Well of course I ran down to my local university library to do some research on this subject. It turns out to have been of a fair amount of interest, because I was able to siphon off a half dozen papers on the calculation of Gauss-Kronrod abscissae matrices, including one by T.N.L Patterson (Mathematics of Computation, vol. 22, p. 847), Dirk P. Laurie (ibid., vol. 66, p. 1133), and an improved version of the latter by Calvetti, Golub, Bragg, and Reichel (ibid., vol. 69, p. 1035). And, I picked up four other papers and errata on Gauss-Kronrod integration published in that same journal, so there's a lot of reading ahead.

Kronrod himself, according to Patterson, did his calculations to 65 decimal digits to get 40 digits of accuracy. This may or may not have some implications for how to generate the higher-precision abscissae; Patterson claims his method is numerically stable because it's based on Legendre polynomials.

Of course, after I got home, it occurred to me to look in my copy of Numerical Recipes. Bingo! Turns out they have an algorithm to calculate the abscissa, too, but the advantage is that they've got theirs already written in C. I also have the code in machine-readable form at the office ... on a floppy disk... I think my wife may have a USB floppy drive floating around somewhere. I can only chuckle about the transience of digital media.
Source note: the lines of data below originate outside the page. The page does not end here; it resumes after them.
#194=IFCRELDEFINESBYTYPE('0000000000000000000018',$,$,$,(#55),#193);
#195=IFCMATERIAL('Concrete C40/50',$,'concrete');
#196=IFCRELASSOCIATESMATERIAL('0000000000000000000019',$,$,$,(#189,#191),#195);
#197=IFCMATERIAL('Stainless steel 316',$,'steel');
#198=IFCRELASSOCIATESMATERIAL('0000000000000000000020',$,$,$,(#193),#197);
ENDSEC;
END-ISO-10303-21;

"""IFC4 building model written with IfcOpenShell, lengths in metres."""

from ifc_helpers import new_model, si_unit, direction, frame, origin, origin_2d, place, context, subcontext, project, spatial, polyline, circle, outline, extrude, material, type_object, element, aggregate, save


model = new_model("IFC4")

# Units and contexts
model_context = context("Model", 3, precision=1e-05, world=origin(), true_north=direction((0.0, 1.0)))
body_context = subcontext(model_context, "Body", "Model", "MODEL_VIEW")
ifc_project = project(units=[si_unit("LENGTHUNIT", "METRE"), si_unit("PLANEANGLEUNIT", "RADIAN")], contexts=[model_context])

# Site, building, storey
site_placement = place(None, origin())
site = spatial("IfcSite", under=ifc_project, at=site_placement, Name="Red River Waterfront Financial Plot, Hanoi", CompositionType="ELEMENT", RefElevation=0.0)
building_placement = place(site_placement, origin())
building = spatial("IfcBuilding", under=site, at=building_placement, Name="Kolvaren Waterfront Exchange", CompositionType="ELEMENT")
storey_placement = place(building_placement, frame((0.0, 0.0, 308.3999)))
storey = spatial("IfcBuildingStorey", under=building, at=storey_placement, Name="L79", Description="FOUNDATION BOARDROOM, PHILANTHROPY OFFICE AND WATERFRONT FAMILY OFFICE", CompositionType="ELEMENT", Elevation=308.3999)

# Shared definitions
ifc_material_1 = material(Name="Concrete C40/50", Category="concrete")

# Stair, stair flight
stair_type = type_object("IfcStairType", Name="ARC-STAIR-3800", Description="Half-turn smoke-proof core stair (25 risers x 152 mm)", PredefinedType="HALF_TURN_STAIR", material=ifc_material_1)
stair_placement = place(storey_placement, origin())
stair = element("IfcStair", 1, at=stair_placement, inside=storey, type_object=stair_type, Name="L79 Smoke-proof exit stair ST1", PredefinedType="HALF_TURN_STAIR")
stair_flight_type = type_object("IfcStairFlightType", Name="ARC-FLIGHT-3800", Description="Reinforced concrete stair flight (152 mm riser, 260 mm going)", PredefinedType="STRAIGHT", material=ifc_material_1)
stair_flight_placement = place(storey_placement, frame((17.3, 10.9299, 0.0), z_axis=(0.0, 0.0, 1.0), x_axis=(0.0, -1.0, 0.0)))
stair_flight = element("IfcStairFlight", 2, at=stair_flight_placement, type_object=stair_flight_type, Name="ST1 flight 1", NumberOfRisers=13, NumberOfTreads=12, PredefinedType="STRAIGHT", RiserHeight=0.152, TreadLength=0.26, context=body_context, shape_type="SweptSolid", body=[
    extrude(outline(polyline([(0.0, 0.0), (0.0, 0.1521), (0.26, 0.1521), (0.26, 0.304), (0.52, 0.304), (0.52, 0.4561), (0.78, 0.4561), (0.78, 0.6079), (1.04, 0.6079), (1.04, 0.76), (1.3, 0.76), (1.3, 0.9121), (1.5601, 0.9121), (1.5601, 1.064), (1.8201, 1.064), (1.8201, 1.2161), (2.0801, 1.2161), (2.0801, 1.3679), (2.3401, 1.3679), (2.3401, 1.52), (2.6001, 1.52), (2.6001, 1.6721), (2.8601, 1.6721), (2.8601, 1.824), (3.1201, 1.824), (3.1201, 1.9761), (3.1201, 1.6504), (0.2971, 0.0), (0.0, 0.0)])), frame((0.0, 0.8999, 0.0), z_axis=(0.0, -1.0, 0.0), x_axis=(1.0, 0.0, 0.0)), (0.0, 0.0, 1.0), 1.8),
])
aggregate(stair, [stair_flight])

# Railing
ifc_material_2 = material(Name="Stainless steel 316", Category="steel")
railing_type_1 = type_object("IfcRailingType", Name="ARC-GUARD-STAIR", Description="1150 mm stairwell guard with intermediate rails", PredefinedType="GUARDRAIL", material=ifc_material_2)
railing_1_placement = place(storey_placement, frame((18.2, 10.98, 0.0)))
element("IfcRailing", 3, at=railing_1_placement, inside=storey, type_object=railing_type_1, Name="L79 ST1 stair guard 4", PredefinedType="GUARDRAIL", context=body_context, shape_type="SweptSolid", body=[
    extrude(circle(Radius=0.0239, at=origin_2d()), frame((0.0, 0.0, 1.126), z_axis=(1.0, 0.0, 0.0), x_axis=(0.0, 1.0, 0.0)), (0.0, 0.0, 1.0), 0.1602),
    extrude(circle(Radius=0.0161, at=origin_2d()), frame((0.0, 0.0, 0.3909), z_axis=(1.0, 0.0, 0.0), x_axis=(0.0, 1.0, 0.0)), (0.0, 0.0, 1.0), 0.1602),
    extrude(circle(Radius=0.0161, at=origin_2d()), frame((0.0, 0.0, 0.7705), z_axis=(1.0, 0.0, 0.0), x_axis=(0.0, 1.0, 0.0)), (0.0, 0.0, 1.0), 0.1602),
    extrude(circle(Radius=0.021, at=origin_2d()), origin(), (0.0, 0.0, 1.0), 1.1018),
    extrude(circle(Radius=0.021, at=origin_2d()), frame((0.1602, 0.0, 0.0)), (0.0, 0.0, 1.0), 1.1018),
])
Edit: One more note: Kronrod originally published his method in 1965, and it generated quite a lot of interest, because the earliest papers modifying his method I have thus far seen were published three years later. It's kind of shocking because he was running a prestigious Soviet physics lab, ITEP, at the time, and the amount of actual publishable material exiting the USSR had to be vanishingly small.

Also, Numerical Recipes explicitly mentions Patterson as a reference here, so I feel pretty good about using his paper as a basis for these calculations. On the other hand, maybe it would be prudent to use an arbitrary precision math library with some number of guard digits, just to be safe.
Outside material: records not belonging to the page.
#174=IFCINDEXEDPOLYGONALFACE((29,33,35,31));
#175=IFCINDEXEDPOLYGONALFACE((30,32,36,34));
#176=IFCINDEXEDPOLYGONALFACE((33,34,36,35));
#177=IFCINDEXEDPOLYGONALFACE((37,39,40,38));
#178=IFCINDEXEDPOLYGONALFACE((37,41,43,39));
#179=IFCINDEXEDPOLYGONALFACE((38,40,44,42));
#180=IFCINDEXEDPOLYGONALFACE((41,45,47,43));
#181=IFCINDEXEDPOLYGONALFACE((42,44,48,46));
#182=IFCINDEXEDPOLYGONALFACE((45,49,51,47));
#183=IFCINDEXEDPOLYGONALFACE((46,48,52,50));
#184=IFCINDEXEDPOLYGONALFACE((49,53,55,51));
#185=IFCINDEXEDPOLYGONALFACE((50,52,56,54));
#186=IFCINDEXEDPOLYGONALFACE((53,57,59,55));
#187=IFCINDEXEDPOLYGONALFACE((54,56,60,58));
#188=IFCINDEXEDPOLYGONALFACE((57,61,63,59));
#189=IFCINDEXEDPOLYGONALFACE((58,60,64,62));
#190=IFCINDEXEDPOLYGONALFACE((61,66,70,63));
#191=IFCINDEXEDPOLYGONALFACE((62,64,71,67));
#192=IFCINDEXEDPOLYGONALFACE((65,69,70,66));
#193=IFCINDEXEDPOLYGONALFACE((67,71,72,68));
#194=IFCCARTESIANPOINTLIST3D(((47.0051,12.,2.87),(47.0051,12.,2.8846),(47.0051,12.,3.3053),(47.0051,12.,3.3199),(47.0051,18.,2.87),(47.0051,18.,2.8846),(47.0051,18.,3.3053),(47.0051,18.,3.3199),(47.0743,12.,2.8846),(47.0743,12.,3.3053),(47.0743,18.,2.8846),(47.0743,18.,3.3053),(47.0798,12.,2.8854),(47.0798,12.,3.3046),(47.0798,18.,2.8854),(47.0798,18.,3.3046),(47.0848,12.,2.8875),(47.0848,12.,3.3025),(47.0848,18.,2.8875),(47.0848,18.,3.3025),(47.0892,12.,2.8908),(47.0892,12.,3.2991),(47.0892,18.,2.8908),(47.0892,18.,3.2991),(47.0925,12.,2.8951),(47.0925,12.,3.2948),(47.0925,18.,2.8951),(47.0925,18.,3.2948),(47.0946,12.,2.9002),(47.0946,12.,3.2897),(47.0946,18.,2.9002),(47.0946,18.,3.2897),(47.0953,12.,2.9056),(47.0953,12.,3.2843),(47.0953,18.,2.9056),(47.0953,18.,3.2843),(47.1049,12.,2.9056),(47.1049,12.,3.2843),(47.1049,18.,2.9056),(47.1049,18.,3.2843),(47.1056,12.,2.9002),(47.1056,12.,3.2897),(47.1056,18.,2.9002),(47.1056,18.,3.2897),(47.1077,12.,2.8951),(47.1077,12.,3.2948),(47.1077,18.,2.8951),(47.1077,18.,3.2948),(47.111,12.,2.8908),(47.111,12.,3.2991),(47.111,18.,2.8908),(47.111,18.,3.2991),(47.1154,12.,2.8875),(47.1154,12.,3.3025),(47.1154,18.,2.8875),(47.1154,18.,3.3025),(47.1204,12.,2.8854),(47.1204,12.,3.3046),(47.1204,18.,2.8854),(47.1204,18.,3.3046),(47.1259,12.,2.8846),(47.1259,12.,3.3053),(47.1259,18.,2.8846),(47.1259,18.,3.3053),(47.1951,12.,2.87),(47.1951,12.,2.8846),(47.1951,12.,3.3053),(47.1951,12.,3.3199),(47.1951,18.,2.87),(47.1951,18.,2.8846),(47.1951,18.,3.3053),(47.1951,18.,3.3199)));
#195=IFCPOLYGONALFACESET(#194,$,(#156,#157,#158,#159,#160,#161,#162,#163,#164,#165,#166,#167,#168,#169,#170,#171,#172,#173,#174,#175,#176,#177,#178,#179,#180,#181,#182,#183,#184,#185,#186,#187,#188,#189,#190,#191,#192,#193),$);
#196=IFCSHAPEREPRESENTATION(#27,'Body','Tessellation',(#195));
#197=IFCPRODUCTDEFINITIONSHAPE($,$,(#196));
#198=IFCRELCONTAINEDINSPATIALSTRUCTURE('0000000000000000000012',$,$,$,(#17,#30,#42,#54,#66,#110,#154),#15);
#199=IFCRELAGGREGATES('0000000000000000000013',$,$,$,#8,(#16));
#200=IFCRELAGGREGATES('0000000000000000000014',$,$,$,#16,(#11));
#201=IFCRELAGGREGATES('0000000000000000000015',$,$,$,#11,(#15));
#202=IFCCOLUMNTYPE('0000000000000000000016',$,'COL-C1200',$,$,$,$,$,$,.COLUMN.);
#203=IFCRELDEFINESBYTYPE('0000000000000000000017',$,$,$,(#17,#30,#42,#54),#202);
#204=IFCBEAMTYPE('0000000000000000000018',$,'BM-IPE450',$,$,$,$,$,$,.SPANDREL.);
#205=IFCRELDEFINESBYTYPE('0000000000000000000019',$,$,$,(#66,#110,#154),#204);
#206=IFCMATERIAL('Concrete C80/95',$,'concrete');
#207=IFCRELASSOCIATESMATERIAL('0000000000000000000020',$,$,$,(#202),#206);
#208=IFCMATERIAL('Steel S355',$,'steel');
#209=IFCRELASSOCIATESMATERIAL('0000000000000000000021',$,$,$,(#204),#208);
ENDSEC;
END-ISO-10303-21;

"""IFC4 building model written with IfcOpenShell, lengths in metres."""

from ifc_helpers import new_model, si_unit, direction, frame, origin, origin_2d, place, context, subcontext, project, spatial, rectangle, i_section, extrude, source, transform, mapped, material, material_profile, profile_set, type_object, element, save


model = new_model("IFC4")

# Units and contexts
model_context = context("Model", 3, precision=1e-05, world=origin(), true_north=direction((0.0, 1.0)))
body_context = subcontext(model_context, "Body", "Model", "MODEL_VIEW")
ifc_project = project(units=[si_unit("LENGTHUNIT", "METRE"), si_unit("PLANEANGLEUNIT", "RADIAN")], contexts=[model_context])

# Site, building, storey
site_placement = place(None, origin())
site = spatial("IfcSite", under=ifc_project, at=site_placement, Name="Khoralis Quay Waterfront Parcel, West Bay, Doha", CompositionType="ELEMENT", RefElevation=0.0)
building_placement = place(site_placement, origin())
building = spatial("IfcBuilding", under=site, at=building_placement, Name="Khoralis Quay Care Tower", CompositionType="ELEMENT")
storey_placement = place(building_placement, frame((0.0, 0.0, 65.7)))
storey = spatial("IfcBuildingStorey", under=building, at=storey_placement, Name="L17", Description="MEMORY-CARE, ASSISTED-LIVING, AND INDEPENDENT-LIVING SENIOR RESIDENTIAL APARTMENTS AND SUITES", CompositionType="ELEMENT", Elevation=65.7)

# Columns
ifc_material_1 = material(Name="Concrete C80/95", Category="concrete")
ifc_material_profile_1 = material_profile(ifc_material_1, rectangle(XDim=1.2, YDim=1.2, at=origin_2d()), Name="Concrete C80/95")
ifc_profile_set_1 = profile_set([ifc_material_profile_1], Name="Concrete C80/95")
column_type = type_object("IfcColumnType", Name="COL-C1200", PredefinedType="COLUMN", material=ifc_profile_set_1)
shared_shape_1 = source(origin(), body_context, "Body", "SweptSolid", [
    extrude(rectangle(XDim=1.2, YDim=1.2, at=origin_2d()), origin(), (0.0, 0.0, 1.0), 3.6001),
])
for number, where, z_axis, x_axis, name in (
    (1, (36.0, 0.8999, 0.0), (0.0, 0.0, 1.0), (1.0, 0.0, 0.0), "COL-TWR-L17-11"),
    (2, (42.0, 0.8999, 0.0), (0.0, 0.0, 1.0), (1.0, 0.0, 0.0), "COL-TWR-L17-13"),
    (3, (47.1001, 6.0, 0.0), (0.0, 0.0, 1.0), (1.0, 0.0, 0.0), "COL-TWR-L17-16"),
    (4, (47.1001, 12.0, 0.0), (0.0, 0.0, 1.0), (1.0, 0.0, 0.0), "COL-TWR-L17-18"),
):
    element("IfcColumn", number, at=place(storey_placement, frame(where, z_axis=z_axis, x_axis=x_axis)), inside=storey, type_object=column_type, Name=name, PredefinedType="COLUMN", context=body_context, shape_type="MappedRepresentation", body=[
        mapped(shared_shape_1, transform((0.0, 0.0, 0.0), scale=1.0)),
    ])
drmike · Post by **drmike** » Wed Mar 05, 2008 2:33 pm

Sounds like way too much fun! Always double check Numerical Recipes, I've run into lots of bugs in their code. But the theory is always right.

PARI/GP is a really good symbolic/infinite precision package. And I've got a home brew floating point package which has 32 bit exponent and 256 bit mantissa. Hmmm, I guess I never ran that on a 64 bit processor, no reason I can't double that if I want to. Makes more sense to go with PARI though, lots of mathematicians use that and it is well debugged.
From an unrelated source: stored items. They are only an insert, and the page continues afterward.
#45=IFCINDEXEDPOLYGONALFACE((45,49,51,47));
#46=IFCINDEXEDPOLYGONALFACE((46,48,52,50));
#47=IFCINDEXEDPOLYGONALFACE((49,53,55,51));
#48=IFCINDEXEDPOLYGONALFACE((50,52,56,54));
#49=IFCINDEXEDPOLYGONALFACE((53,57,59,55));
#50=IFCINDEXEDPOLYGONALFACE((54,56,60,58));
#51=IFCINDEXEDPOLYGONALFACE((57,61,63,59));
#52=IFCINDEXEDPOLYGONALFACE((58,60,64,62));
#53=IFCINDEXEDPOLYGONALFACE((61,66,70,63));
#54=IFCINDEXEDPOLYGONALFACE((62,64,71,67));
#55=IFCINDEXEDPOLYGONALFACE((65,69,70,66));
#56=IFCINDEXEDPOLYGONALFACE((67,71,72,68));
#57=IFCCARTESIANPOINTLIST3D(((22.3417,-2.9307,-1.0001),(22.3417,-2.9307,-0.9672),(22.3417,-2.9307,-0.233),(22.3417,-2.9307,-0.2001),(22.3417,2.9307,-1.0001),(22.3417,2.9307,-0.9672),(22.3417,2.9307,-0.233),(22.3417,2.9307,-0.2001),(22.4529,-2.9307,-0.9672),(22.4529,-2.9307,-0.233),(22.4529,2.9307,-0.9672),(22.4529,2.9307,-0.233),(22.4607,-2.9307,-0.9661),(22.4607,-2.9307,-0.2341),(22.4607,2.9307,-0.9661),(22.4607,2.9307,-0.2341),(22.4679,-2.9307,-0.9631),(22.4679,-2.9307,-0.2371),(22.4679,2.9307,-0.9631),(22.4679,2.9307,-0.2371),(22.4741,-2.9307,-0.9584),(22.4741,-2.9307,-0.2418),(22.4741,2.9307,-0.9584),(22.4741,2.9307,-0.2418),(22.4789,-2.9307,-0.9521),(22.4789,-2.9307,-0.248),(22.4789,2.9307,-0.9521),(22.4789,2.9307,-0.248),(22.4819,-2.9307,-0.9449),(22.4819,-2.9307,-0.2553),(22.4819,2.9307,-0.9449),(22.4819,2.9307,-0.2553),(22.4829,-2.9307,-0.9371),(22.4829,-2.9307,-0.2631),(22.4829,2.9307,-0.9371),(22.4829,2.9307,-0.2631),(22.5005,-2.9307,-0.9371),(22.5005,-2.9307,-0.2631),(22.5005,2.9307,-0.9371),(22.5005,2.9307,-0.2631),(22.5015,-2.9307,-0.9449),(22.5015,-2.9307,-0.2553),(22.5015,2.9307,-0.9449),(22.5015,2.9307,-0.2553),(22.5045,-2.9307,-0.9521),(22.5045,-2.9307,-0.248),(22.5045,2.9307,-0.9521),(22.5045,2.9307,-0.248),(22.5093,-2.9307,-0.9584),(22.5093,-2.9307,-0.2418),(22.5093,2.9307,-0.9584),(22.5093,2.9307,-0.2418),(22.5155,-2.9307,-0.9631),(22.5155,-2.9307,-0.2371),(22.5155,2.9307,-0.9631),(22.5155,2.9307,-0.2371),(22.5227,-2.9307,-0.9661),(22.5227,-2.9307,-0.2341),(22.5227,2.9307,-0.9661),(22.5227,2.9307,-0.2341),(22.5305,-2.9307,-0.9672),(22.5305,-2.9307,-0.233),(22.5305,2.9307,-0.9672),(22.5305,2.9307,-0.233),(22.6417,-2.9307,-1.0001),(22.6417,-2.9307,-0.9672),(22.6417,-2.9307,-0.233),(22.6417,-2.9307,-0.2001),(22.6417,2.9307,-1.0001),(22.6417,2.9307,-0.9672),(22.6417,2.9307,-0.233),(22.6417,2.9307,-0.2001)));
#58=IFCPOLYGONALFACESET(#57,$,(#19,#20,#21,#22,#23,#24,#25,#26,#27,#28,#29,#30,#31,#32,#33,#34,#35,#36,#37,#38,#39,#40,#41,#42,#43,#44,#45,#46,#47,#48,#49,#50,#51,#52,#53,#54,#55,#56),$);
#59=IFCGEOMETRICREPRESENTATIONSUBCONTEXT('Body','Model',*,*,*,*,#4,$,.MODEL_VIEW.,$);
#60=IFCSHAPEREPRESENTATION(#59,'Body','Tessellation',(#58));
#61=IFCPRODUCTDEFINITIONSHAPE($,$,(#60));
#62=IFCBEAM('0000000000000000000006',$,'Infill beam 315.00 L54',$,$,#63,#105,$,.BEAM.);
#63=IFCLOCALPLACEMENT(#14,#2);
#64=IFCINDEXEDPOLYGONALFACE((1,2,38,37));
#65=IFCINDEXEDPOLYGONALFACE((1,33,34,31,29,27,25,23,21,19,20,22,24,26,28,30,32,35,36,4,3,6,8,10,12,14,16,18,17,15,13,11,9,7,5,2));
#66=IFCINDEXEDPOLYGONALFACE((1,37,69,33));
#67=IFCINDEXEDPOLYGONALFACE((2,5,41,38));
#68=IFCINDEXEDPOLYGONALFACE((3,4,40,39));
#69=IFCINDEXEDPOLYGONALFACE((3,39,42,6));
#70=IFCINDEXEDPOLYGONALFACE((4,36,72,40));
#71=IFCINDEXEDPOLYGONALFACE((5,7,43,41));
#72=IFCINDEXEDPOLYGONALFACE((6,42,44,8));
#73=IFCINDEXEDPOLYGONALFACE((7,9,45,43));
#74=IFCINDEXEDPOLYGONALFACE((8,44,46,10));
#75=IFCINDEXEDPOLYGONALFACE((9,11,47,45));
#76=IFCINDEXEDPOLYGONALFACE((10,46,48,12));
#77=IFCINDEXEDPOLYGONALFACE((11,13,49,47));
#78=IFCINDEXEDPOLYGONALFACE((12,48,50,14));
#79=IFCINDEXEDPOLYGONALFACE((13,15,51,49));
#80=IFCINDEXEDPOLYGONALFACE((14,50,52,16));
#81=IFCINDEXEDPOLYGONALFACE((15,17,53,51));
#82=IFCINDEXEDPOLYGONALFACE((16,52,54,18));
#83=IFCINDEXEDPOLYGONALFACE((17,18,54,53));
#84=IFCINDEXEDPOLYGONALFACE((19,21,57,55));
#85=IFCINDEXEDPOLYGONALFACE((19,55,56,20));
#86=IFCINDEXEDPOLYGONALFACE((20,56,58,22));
Mikos · Post by **Mikos** » Wed Mar 05, 2008 3:57 pm

drmike wrote:I got xfig to run, but as soon as I hit any of the menu buttons, it chokes and dies. I couldn't figure out how to draw straight lines either, although it could do tangets and that might have been good enough. But I can't save, so there's no point in it. Linux is ok, but for fancy stuff like graphics it does seem like you have to be on the same platform as the developer.

I'll skip pictures for now - I think getting the code to work is more important.

Dont't use old and ugly Xfig, there is _much_ better (and actively developed) vector drawing application: Inkscape. I use Inkscape and it is IMHO even better than Corel Draw or similar commercial applications. Just try it, Inkscape is really great!